The idea, well, it began with a man. Stephen Arterburn, who owns 10% of New Life Clinics and is paid a salary of $160,000 plus stock options, had offered a program of New Life seminars, which failed dismally. "Those were seminars where you had to admit you had a problem before you came," he says. "I thought we could reach more people if we could ask, What can we do for you?" That psychotherapy-under-another-name worked, and the movement collected a roster of upbeat dispensers of inspiration, such as Sheila Walsh, author of Never Give It Up, and Barbara Johnson, of Where Does a Mother Go to Resign? To enhance the illusion of intimacy, the speakers eschew the talk-and-run approach customary at most mass gatherings and listen intently to soft Christian rock and tales of hard knocks.
"Ladies, when God made you, he broke the mold. Be aware of who you are. Eliminate the negative!" preaches Thelma Wells, one of the few African-American regulars, who catalogs her battle against financial ruin. Everyone has a tale of woe overcome that underlines the theme of the conference: life is tough on women, but God is ever loving. Kathy Wilson, a mother of three who runs a pottery studio in Vancouver, Wash., heeded the message. "These women are sharing things that most women are embarrassed to talk about," she says. "We feel vulnerable. We all have problems, and God is there for us."
Women of Faith advocates warm hugs, not revolution. At Memorial Coliseum, "ladies" and "gals" are still occasional appellations, and the guest of honor is indubitably male. "He is the Lord forever," the ladies sing. But don't expect the group to follow the lead of the Southern Baptist Convention, which declared last month that "a wife is to submit graciously to the servant leadership of her husband." WOF executive director Christie Barnes maintains a decorous silence on the subject: "We don't make comments about the whole submission issue. We just believe God will bring everything to light." That's the group's credo: Keep it light on the sermons, heavy on the anecdotes, and they will come. In Portland, Walsh brushed up against the issue of abortion, revealing her fear of bearing a child with Down syndrome, then retreated from taking any political position. Johnson talked about her son's homosexuality but stopped short of promoting or disapproving of gay rights.
Such circumspection has helped forestall criticism.
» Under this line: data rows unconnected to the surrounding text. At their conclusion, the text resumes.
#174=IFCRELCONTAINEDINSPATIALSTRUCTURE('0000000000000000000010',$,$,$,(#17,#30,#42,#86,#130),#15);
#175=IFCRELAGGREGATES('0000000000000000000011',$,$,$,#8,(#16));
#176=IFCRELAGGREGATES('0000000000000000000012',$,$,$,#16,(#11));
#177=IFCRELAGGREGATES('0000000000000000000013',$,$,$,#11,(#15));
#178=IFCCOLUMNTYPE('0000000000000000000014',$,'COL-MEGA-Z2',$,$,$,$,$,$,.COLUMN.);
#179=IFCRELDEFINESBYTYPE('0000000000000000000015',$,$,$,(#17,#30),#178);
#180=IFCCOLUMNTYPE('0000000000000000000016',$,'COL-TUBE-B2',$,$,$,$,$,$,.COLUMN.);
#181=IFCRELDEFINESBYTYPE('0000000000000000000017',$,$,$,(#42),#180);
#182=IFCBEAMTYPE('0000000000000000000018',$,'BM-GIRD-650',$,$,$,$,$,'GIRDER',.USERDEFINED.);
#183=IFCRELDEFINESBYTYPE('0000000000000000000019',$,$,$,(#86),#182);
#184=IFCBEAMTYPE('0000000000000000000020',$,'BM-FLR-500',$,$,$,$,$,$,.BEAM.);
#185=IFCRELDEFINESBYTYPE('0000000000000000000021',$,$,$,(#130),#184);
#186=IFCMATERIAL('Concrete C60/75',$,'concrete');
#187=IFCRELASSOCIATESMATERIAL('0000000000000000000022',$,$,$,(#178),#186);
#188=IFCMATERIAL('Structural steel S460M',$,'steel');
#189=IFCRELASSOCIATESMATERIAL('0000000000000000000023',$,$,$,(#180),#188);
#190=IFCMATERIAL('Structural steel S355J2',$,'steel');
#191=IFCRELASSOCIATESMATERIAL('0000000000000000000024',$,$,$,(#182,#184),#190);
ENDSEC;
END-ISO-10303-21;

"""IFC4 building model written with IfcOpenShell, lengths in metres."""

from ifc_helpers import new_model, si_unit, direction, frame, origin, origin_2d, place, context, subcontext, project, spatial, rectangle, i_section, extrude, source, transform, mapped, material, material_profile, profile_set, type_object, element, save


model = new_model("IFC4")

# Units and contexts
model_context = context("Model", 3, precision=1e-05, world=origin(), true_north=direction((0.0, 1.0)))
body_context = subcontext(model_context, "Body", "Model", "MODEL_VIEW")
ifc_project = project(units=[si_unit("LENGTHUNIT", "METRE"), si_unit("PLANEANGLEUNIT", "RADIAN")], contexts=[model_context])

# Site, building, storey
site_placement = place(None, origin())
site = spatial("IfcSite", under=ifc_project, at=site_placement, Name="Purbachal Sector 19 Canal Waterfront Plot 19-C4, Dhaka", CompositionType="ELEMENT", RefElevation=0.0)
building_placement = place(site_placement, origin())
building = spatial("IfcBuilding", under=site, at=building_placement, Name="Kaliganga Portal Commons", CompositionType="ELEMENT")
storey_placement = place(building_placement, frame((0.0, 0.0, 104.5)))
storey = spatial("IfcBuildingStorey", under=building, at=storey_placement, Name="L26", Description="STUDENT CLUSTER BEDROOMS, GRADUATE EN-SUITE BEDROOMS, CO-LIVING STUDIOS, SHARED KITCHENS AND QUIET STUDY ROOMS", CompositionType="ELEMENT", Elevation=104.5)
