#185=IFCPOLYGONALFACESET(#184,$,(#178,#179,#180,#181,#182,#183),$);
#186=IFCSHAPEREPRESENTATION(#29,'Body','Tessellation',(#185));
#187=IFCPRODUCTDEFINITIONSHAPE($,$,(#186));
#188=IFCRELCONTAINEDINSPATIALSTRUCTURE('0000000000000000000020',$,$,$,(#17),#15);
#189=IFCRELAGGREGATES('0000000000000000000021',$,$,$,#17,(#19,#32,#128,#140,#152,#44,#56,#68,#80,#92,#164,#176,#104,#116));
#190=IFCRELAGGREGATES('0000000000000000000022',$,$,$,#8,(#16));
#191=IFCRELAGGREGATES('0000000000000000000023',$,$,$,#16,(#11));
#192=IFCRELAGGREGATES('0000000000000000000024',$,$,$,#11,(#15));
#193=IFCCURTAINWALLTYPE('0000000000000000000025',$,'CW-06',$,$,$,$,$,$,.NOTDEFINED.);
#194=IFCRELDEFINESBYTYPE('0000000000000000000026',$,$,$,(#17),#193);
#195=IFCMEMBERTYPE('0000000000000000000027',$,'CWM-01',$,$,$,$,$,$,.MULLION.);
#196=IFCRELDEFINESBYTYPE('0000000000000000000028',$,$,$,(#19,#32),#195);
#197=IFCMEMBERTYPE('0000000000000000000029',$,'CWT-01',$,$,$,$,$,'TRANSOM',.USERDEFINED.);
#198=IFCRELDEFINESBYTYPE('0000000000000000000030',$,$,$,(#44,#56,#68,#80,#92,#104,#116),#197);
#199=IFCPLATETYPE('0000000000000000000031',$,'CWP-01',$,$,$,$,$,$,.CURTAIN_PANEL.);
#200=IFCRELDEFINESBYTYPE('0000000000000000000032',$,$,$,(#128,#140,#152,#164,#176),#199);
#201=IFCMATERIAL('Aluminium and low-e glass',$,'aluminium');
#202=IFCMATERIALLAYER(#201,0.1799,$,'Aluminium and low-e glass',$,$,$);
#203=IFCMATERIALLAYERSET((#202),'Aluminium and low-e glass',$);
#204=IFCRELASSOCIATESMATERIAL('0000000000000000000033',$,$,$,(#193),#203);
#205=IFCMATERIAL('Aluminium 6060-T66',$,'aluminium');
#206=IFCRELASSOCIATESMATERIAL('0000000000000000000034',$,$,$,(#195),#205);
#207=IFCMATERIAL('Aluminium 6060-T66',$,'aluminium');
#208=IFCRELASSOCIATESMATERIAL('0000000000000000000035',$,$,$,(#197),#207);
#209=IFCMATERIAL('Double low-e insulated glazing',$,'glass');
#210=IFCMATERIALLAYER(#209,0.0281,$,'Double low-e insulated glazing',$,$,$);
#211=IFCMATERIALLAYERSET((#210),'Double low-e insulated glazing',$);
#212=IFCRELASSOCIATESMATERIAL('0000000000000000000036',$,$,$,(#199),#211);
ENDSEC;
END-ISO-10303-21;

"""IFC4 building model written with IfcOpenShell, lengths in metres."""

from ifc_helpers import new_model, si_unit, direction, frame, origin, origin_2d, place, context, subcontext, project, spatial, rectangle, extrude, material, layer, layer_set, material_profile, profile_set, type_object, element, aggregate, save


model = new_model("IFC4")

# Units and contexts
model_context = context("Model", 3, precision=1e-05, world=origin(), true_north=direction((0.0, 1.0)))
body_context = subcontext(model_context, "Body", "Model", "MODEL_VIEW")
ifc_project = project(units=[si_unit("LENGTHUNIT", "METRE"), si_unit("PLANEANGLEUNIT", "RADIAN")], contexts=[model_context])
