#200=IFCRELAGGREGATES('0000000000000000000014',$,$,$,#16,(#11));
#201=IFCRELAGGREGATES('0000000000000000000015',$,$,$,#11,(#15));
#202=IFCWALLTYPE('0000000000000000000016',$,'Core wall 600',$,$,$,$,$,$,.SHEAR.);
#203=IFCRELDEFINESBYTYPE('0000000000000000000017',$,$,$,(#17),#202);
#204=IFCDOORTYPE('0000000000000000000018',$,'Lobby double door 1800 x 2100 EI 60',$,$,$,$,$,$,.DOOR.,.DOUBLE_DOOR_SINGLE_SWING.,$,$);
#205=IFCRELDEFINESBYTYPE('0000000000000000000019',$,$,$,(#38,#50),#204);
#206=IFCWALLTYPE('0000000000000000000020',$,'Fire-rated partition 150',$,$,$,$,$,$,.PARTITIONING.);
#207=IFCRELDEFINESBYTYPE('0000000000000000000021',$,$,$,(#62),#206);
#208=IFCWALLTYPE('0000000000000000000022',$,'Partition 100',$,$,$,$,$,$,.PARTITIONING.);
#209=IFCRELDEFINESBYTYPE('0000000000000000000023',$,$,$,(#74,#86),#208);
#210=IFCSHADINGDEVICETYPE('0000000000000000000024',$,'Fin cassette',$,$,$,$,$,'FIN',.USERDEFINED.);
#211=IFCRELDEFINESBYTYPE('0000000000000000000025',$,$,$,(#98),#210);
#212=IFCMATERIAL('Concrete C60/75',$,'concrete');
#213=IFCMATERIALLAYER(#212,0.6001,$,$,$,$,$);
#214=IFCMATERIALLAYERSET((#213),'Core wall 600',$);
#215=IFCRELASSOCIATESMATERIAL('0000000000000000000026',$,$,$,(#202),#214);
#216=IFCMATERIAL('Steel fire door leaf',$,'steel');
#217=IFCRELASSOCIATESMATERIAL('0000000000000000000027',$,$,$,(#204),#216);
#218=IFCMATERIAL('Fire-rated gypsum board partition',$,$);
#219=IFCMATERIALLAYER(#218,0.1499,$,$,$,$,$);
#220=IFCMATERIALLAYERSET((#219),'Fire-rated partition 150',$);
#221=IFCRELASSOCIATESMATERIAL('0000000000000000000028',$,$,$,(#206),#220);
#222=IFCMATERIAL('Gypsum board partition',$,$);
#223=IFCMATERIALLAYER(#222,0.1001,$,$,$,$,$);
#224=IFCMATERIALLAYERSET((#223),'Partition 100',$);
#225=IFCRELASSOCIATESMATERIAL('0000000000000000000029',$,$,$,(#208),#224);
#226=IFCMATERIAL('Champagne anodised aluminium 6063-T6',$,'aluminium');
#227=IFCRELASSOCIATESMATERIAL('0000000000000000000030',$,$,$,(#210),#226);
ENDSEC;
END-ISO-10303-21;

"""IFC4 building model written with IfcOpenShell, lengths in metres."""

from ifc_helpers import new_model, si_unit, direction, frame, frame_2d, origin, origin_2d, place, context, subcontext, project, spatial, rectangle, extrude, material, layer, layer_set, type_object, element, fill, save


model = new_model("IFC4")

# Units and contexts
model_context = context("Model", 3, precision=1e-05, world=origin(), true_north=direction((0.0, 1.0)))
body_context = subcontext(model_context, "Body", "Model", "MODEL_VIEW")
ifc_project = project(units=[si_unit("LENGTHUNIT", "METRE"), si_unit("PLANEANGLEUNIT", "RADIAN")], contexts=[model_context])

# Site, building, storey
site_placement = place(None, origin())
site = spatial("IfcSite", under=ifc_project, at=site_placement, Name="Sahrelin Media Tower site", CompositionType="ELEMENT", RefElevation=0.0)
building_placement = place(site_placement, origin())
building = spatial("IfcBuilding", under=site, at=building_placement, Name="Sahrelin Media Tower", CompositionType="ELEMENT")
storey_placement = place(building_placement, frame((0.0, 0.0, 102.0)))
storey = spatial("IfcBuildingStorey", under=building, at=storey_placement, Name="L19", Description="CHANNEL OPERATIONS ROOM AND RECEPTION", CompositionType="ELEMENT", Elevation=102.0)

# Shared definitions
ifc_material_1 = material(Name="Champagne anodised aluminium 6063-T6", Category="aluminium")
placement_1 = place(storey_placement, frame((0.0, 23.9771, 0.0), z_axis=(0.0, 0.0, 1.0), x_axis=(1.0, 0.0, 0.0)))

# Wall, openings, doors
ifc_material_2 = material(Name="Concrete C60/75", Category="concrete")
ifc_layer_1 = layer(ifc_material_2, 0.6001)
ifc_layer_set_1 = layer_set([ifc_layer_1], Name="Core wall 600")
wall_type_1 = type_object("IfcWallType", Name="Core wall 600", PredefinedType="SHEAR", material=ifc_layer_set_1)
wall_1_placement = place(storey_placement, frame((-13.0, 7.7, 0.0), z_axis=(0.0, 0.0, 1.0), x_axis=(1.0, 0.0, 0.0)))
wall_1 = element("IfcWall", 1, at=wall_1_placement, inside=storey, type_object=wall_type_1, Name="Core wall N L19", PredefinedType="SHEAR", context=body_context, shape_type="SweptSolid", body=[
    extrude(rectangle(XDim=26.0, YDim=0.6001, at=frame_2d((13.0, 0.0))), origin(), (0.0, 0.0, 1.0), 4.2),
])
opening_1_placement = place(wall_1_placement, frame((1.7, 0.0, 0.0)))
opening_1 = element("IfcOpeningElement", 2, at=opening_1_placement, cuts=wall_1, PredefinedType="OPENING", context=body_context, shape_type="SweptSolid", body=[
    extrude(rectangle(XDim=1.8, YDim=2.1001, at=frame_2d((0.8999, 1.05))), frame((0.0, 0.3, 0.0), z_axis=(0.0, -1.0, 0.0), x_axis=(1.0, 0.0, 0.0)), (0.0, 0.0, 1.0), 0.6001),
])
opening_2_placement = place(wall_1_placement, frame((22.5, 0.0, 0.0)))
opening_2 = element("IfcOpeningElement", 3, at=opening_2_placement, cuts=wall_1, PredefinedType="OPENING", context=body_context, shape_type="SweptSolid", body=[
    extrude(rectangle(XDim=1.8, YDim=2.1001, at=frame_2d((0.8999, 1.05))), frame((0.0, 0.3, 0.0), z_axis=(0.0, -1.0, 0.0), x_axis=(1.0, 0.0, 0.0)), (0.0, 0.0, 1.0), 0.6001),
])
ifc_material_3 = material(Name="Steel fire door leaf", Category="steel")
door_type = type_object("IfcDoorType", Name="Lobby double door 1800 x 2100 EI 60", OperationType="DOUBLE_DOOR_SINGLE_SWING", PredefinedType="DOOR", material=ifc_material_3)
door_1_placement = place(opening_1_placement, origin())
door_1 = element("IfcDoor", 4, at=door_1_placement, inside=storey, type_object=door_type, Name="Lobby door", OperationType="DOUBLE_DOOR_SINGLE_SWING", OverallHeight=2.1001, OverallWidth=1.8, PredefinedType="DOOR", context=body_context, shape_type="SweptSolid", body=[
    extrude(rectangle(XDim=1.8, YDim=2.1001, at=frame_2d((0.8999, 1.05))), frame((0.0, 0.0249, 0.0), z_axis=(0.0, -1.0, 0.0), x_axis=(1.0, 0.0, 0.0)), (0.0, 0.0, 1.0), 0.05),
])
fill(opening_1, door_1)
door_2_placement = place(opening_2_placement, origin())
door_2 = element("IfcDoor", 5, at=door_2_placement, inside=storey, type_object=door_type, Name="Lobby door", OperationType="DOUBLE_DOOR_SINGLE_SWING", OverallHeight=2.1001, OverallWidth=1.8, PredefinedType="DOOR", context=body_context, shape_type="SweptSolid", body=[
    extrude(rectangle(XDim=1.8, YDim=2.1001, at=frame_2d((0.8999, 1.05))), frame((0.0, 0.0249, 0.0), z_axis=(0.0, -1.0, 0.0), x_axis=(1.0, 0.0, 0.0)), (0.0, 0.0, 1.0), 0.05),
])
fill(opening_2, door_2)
Mainline Protestant organizations that have been critical of Promise Keepers are inclined to reserve judgment on Women of Faith; meanwhile, members of the religious right don't complain about its nonactivist stance. "The purpose of these conferences is to change the heart," says Tom Minnery, a vice president of Focus on the Family. "And obviously, from a proper heart comes a proper world view."
WOF has already scheduled its first mass meeting for couples, and plans to target children too. Is it expanding too fast too soon--like its male counterpart? Arterburn for one isn't fazed by the Promise Keepers' downslide. "We are tapping into a need for a deeper connection among women and for spiritual renewal," he says. "Women of Faith was not the genius of our organization. I think God allowed it to grow."